4. Personalised Care
Patients want professionals who recognise their context, listen to their goals and support self-management. Tailored advice empowers people to take control of their health, especially those living with long-term conditions.
5. Professionally-Aided Navigation
Patients highly value professionals who can “open doors”, advocate and signpost. One participant described how a care coordinator helped them access housing and community services that they “didn’t even know existed”.
6. Community and Connection
Group activities, peer support and community links reduced isolation and improved wellbeing.
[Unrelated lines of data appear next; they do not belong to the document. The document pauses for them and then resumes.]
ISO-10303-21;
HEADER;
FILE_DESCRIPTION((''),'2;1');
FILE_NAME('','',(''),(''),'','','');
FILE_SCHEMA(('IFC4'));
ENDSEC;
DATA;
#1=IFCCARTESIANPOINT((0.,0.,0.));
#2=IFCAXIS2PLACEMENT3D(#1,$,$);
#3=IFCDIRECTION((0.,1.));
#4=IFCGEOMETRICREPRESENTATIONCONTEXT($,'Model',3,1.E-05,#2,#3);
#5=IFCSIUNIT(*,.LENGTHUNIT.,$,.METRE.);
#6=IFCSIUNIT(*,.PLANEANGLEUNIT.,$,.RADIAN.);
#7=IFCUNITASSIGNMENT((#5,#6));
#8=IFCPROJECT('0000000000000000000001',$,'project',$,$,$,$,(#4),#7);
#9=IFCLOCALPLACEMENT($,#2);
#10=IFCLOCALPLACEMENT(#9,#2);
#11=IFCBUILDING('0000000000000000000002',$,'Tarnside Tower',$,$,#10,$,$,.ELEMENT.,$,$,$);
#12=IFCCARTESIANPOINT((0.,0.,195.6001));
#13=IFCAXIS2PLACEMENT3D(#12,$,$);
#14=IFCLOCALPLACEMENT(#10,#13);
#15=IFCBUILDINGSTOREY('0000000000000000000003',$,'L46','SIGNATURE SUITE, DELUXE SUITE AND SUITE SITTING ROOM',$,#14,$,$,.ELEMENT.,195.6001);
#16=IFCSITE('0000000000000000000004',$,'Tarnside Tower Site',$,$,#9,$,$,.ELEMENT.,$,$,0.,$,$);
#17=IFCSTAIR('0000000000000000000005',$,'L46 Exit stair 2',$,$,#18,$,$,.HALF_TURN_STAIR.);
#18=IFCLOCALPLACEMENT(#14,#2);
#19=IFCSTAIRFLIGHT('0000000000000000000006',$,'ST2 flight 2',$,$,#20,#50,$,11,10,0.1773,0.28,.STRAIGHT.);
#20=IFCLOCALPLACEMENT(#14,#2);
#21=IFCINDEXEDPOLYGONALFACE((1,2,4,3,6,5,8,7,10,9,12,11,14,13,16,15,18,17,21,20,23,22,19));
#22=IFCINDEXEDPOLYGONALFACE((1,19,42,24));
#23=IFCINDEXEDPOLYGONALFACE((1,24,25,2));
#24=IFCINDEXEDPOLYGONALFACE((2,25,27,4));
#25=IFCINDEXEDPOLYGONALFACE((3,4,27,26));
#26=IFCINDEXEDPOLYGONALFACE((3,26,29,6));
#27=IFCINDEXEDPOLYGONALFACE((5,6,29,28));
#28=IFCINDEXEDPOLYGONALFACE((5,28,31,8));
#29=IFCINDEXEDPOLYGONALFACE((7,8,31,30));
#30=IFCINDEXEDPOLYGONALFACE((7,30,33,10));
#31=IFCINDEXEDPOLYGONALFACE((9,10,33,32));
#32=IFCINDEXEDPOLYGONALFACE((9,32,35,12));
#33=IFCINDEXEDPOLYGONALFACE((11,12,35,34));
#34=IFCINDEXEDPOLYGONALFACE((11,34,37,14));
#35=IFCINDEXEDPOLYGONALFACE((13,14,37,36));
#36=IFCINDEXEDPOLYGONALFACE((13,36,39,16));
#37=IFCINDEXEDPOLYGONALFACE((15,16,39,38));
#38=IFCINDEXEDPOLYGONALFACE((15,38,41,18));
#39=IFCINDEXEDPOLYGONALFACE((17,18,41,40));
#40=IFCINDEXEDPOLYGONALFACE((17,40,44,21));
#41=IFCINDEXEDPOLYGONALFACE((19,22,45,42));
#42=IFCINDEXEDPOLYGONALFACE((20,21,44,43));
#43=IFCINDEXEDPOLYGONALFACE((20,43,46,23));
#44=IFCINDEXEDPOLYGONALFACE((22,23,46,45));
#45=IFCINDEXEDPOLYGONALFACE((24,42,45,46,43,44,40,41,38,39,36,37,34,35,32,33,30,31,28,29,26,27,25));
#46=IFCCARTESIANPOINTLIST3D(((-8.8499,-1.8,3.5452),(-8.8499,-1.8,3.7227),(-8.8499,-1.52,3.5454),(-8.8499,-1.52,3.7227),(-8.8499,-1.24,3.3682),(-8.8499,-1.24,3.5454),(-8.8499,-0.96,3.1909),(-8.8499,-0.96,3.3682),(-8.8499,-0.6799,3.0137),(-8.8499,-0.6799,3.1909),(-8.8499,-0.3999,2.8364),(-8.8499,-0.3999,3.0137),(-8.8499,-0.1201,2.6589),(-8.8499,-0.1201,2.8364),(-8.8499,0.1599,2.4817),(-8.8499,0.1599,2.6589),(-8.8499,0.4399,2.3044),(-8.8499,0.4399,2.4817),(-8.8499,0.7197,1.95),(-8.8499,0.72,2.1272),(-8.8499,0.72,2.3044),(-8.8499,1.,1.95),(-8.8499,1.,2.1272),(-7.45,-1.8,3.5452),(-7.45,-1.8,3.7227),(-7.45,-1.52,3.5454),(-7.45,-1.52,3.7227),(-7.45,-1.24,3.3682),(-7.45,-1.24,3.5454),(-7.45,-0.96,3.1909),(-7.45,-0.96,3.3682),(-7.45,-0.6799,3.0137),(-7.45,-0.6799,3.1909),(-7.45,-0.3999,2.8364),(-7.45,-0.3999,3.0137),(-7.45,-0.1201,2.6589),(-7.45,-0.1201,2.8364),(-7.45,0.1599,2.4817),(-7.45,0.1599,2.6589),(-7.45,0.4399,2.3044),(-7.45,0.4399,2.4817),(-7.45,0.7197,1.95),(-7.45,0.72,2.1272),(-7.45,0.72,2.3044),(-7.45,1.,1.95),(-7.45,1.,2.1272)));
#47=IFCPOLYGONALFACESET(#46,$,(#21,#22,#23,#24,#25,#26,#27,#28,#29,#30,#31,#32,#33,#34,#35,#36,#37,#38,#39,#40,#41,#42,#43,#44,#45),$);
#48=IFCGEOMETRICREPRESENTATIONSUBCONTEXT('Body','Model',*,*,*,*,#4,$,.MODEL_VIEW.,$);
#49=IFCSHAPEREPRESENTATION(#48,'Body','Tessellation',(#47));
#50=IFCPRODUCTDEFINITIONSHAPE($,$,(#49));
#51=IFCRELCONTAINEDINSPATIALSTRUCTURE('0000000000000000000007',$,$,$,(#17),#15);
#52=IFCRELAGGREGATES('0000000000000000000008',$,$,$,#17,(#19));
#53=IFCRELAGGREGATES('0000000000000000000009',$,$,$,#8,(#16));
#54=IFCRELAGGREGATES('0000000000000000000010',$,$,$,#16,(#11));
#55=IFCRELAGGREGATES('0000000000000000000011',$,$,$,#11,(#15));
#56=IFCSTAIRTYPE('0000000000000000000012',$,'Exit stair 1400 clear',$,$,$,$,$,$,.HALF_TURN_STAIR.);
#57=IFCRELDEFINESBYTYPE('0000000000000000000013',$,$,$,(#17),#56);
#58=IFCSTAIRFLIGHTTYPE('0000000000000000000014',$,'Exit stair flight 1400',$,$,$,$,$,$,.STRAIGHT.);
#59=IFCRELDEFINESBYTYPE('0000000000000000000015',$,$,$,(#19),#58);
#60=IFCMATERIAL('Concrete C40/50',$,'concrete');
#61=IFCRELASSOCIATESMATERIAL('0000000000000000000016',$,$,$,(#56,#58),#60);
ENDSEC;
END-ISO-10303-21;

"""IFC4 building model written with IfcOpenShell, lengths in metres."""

from ifc_helpers import new_model, si_unit, direction, frame, origin, place, context, subcontext, project, spatial, polyline, outline, extrude, material, type_object, element, aggregate, save


model = new_model("IFC4")

# Units and contexts
model_context = context("Model", 3, precision=1e-05, world=origin(), true_north=direction((0.0, 1.0)))
body_context = subcontext(model_context, "Body", "Model", "MODEL_VIEW")
ifc_project = project(units=[si_unit("LENGTHUNIT", "METRE"), si_unit("PLANEANGLEUNIT", "RADIAN")], contexts=[model_context])

# Site, building, storey
site_placement = place(None, origin())
site = spatial("IfcSite", under=ifc_project, at=site_placement, Name="Tarnside Tower Site", CompositionType="ELEMENT", RefElevation=0.0)
building_placement = place(site_placement, origin())
building = spatial("IfcBuilding", under=site, at=building_placement, Name="Tarnside Tower", CompositionType="ELEMENT")
storey_placement = place(building_placement, frame((0.0, 0.0, 195.6001)))
storey = spatial("IfcBuildingStorey", under=building, at=storey_placement, Name="L46", Description="SIGNATURE SUITE, DELUXE SUITE AND SUITE SITTING ROOM", CompositionType="ELEMENT", Elevation=195.6001)

# Shared definitions
ifc_material_1 = material(Name="Concrete C40/50", Category="concrete")

# Stair, stair flight
stair_type = type_object("IfcStairType", Name="Exit stair 1400 clear", PredefinedType="HALF_TURN_STAIR", material=ifc_material_1)
stair_placement = place(storey_placement, origin())
stair = element("IfcStair", 1, at=stair_placement, inside=storey, type_object=stair_type, Name="L46 Exit stair 2", PredefinedType="HALF_TURN_STAIR")
stair_flight_type = type_object("IfcStairFlightType", Name="Exit stair flight 1400", PredefinedType="STRAIGHT", material=ifc_material_1)
stair_flight_placement = place(storey_placement, frame((-8.1499, 1.0, 1.95), z_axis=(0.0, 0.0, 1.0), x_axis=(0.0, -1.0, 0.0)))
stair_flight = element("IfcStairFlight", 2, at=stair_flight_placement, type_object=stair_flight_type, Name="ST2 flight 2", NumberOfRisers=11, NumberOfTreads=10, PredefinedType="STRAIGHT", RiserHeight=0.1773, TreadLength=0.28, context=body_context, shape_type="SweptSolid", body=[
    extrude(outline(polyline([(0.0, 0.0), (0.0, 0.1772), (0.28, 0.1772), (0.28, 0.3545), (0.5601, 0.3545), (0.5601, 0.5317), (0.8401, 0.5317), (0.8401, 0.709), (1.1201, 0.709), (1.1201, 0.8865), (1.3999, 0.8865), (1.3999, 1.0637), (1.6799, 1.0637), (1.6799, 1.241), (1.96, 1.241), (1.96, 1.4182), (2.24, 1.4182), (2.24, 1.5955), (2.52, 1.5955), (2.52, 1.7727), (2.8, 1.7727), (2.8, 1.95), (2.8, 1.5952), (0.2803, 0.0), (0.0, 0.0)])), frame((0.0, 0.7, 0.0), z_axis=(0.0, -1.0, 0.0), x_axis=(1.0, 0.0, 0.0)), (0.0, 0.0, 1.0), 1.3999),
])
aggregate(stair, [stair_flight])

save(model, "model.ifc")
People described feeling less alone, more motivated and better connected to others like them.
Bridging the Gap: Aligning GP and Patient Priorities
The encouraging reality is that GP and patient priorities are more complementary than they appear.
Patients want:
Time to tell their story
Empathy and compassion
Continuity of care
Advocacy
GPs want:
Improved access
Better outcomes for patients
Reduced workload pressures
Effective collaboration
At the core, both groups are seeking person-centred care delivered by a skilled, compassionate and well-integrated team.
To achieve this, several enablers stand out:
Clear role definitions and governance
Transparent referral pathways and boundaries
Ongoing supervision, development and upskilling
Operational leadership within PCNs
Structured evaluation of impact
Patient education to build trust and awareness
Feedback mechanisms that guide improvement
These conditions help ARRS roles deliver meaningful capacity, clinical quality and relational care, rather than introducing duplication, fragmentation or confusion.
A Shared Vision for Modern Primary Care
My research, shaped by the voices of GPs, practice managers, ARRS professionals, patients and carers, highlights a fundamental truth:
The multi-professional workforce is not a temporary solution; it is the future of primary care.
ARRS has created the foundation for a new model of general practice, one that is team-based, holistic, inclusive and able to respond to the wide and varied needs of local populations.
If we continue to embed these roles with clarity, support and purpose, we can build primary care systems that are:
More resilient
More equitable- addressing health inequalities
Person-centred
More sustainable
Above all, we can create services where people feel heard, supported and connected, and where GPs are freed to do what they do best.
As we continue this journey, the message is clear:
Keep listening:
To GPs
To clinicians.
To patients.
And to the needs of our communities.
Only by understanding these perspectives can we realise the full potential of ARRS and the multidisciplinary teams that are shaping the future of primary care.